Reference evapotranspiration (ET₀) was computed internally in HYDRUS-1D using the FAO Penman–Monteith method from the measured meteorological inputs (project option “Meteorological Data—Penman–Monteith”). The resulting potential fluxes were applied as boundary conditions. Transpiration was set to zero for Fields A and C (bare soil), while Field B included transpiration according to the above root-uptake parameters.

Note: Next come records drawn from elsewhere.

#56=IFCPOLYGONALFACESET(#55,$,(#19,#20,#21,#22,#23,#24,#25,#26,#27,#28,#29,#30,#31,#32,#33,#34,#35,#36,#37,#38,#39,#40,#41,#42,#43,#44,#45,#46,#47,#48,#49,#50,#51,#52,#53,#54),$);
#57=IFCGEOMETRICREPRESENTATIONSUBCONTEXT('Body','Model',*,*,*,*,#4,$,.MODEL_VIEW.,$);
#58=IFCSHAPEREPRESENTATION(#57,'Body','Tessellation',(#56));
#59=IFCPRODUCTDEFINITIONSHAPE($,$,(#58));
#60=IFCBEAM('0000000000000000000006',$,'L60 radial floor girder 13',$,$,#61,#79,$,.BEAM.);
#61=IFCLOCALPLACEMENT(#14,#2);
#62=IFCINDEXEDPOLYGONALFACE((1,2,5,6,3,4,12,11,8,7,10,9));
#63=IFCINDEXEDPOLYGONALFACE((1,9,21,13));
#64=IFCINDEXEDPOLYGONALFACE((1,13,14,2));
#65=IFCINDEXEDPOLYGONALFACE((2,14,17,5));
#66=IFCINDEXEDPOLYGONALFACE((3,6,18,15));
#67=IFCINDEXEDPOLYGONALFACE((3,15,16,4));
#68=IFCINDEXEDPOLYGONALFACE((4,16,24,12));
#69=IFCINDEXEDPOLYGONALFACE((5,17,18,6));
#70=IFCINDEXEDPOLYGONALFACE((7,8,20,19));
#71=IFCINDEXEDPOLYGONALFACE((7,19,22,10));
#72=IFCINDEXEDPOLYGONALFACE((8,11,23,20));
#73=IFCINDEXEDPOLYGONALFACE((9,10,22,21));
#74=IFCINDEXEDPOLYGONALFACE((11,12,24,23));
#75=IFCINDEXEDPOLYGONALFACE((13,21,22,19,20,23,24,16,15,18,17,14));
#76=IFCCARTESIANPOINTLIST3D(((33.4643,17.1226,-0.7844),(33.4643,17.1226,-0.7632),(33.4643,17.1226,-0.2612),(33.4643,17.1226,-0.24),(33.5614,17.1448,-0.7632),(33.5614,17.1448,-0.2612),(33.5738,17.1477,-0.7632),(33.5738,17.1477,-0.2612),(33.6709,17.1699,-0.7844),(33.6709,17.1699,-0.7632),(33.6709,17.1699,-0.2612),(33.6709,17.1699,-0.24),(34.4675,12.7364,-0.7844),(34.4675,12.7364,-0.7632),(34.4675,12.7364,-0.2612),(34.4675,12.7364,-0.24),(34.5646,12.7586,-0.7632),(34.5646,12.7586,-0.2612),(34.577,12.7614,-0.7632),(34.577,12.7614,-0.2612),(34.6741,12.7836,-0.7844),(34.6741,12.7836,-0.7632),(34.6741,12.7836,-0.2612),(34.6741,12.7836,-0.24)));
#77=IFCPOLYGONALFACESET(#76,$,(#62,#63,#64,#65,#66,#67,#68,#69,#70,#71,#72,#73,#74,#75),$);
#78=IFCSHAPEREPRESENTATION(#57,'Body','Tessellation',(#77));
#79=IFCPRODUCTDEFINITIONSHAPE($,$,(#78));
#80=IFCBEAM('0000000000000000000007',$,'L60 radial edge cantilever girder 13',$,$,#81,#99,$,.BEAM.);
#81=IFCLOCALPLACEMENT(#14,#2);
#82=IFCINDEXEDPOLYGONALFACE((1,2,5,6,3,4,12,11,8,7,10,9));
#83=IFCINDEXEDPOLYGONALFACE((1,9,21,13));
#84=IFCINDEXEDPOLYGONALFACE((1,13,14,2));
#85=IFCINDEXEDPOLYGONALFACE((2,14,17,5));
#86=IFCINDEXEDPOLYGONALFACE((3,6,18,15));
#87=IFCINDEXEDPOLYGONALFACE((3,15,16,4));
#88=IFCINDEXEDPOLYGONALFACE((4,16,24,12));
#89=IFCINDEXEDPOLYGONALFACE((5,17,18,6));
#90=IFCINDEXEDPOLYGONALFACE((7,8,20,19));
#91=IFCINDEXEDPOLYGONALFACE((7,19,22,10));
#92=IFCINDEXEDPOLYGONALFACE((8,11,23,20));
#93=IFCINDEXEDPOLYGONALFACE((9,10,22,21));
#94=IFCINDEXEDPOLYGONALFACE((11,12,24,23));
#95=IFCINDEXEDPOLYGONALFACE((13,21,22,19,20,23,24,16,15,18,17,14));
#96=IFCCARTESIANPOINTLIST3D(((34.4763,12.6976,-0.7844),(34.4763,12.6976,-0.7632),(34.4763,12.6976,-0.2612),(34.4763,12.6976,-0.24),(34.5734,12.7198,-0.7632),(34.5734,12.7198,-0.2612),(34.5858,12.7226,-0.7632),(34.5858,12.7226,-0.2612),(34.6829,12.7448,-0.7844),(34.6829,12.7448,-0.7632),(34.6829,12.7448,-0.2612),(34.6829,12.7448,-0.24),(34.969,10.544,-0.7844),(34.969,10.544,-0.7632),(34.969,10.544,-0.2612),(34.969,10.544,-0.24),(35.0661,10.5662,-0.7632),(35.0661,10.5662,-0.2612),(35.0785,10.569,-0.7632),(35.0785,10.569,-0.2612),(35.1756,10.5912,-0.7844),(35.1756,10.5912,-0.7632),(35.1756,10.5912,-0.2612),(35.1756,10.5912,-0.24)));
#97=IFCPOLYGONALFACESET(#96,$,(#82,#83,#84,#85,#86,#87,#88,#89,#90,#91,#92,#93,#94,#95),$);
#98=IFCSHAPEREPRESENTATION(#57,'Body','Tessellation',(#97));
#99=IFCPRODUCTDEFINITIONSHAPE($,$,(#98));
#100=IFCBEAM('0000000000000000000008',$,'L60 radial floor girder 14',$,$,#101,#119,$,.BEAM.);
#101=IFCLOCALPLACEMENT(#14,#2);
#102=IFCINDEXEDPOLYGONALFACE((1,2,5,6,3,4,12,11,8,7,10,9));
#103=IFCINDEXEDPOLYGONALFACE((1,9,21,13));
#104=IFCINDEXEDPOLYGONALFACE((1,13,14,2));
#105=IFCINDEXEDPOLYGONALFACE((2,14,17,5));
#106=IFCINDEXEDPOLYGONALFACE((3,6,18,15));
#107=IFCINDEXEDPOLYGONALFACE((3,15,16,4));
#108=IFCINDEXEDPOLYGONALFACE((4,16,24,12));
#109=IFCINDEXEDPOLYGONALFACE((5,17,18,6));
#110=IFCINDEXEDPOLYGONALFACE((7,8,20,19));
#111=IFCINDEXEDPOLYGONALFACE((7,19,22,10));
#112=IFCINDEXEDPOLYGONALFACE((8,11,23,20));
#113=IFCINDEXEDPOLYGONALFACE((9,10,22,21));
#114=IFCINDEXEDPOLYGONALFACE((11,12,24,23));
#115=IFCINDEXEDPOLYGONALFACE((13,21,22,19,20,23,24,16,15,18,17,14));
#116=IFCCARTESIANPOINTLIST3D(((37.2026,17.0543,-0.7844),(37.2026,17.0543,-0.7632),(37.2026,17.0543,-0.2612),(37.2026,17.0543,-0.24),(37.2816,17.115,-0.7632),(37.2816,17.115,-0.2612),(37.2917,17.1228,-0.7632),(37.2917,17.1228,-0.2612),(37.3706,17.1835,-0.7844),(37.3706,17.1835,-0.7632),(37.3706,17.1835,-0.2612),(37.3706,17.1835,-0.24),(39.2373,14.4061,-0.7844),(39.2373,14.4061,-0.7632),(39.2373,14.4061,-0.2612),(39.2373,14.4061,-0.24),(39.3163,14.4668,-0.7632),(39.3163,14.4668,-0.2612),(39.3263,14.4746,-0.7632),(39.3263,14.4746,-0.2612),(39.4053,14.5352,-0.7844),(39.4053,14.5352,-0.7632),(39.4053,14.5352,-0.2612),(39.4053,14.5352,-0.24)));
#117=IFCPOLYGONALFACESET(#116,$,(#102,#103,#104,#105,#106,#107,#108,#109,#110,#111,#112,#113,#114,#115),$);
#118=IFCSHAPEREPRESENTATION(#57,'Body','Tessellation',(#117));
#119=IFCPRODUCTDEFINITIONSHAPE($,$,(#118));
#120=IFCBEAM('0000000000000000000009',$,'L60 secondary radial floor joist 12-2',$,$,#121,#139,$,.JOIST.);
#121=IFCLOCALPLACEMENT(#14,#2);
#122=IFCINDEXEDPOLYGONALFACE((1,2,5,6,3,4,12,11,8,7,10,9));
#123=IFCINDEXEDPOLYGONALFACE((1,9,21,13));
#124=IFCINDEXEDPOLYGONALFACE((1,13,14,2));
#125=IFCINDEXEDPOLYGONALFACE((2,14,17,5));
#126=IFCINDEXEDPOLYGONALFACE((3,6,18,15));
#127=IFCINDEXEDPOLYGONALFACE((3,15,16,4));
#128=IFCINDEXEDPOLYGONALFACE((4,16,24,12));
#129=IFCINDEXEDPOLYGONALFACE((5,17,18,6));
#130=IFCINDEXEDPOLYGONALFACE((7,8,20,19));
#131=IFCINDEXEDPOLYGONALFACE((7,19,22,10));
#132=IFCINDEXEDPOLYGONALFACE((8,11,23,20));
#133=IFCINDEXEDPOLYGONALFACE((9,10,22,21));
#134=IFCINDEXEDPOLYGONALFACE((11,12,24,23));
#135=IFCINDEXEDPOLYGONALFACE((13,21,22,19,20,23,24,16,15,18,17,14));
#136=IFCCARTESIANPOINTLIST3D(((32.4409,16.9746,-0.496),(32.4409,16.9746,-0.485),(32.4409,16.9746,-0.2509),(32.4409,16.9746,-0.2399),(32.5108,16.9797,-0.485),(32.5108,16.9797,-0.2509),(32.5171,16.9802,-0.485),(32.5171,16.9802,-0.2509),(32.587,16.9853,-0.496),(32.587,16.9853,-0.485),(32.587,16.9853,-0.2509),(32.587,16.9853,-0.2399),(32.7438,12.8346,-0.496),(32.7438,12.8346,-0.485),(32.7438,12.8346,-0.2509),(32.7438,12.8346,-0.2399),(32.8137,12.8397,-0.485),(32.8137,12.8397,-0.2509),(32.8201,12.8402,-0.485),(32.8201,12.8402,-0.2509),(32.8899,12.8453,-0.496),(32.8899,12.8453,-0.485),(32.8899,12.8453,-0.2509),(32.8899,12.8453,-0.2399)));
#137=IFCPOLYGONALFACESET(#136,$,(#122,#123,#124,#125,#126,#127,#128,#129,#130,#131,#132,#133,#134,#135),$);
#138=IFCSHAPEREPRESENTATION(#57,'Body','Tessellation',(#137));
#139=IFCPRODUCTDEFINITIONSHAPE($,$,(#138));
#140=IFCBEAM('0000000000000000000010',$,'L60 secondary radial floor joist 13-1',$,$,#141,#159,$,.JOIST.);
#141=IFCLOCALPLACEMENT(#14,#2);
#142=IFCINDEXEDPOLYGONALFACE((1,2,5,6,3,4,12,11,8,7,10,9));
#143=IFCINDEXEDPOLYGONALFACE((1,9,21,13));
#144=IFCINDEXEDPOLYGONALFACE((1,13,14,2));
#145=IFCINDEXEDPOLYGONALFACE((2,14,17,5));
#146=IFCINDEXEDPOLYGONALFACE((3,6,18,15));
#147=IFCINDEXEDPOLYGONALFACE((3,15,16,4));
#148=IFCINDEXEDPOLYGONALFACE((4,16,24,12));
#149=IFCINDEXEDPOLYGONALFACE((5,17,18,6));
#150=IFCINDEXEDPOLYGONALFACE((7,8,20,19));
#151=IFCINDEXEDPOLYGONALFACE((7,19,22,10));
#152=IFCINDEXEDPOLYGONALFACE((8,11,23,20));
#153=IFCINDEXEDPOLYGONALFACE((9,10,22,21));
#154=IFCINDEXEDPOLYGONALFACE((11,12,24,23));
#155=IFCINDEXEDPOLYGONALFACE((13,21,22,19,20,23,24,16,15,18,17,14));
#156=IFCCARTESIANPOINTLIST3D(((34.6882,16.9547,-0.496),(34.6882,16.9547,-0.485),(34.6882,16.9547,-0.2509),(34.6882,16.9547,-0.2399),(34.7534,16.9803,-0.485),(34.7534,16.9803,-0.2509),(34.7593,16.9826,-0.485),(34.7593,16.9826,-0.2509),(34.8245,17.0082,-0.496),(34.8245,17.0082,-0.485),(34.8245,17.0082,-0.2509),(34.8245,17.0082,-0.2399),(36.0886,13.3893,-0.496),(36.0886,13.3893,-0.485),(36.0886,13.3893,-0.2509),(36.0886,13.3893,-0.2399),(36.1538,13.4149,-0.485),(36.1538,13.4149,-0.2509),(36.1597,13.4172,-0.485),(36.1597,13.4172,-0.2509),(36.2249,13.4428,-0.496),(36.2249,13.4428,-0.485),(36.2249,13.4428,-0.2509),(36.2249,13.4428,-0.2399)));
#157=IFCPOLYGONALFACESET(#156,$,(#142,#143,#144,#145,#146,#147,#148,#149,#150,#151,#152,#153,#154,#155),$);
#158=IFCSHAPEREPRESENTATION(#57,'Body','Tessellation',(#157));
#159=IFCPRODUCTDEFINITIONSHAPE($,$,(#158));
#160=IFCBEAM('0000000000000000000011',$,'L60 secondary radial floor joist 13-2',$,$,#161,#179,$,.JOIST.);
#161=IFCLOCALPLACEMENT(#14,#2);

A critical step in model setup is the specification of initial conditions. Because it was impractical to measure soil water content at each 1 cm interval, modeling was divided into two sequential phases: a quasi-steady-state phase, and a transient simulation phase.

It was assumed that prior to the experimental period (−∞ < t < t₀), the soil system was in quasi-steady-state. The monitoring periods (248 h for Field A, 200 h for Field B, and 176 h for Field C) were then treated as transient conditions. The model was first run to steady state until the simulated terminal water contents matched the observed θ values at 15 cm and 45 cm at the beginning of the transient stage. This steady-state profile was then used as the initial condition for the transient simulation [27,28].

2.4.1. One-Dimensional Richards Equation

Uniform vertical water flow in a variably saturated rigid porous medium is described by a modified form of the Richards equation [29], assuming negligible air-phase effects and no thermal flow contribution:

$${\displaystyle \frac{\partial \theta }{\partial t}}={\displaystyle \frac{\partial }{\partial x}}\left[K\left(\theta \right)\left({\displaystyle \frac{\partial h}{\partial x}}+cos\alpha \right)\right]-S$$

(1)

where h is the water pressure head (L), θ is the volumetric water content (L³ L⁻³), t is time, x is the spatial coordinate in cm (positive upward), $S$ is the sink term (L³ L⁻³ T⁻¹), α is the angle relative to the vertical (i.e., α = 0° for vertical flow, 90° for horizontal flow), and K(θ) is the unsaturated hydraulic conductivity (L T⁻¹).

HYDRUS-1D solves Equation (1) using an implicit finite-difference scheme, ensuring numerical stability and accuracy for water transport simulation [30]. To solve Equation (1), the model requires two constitutive relationships, the SWRC, and the K(θ).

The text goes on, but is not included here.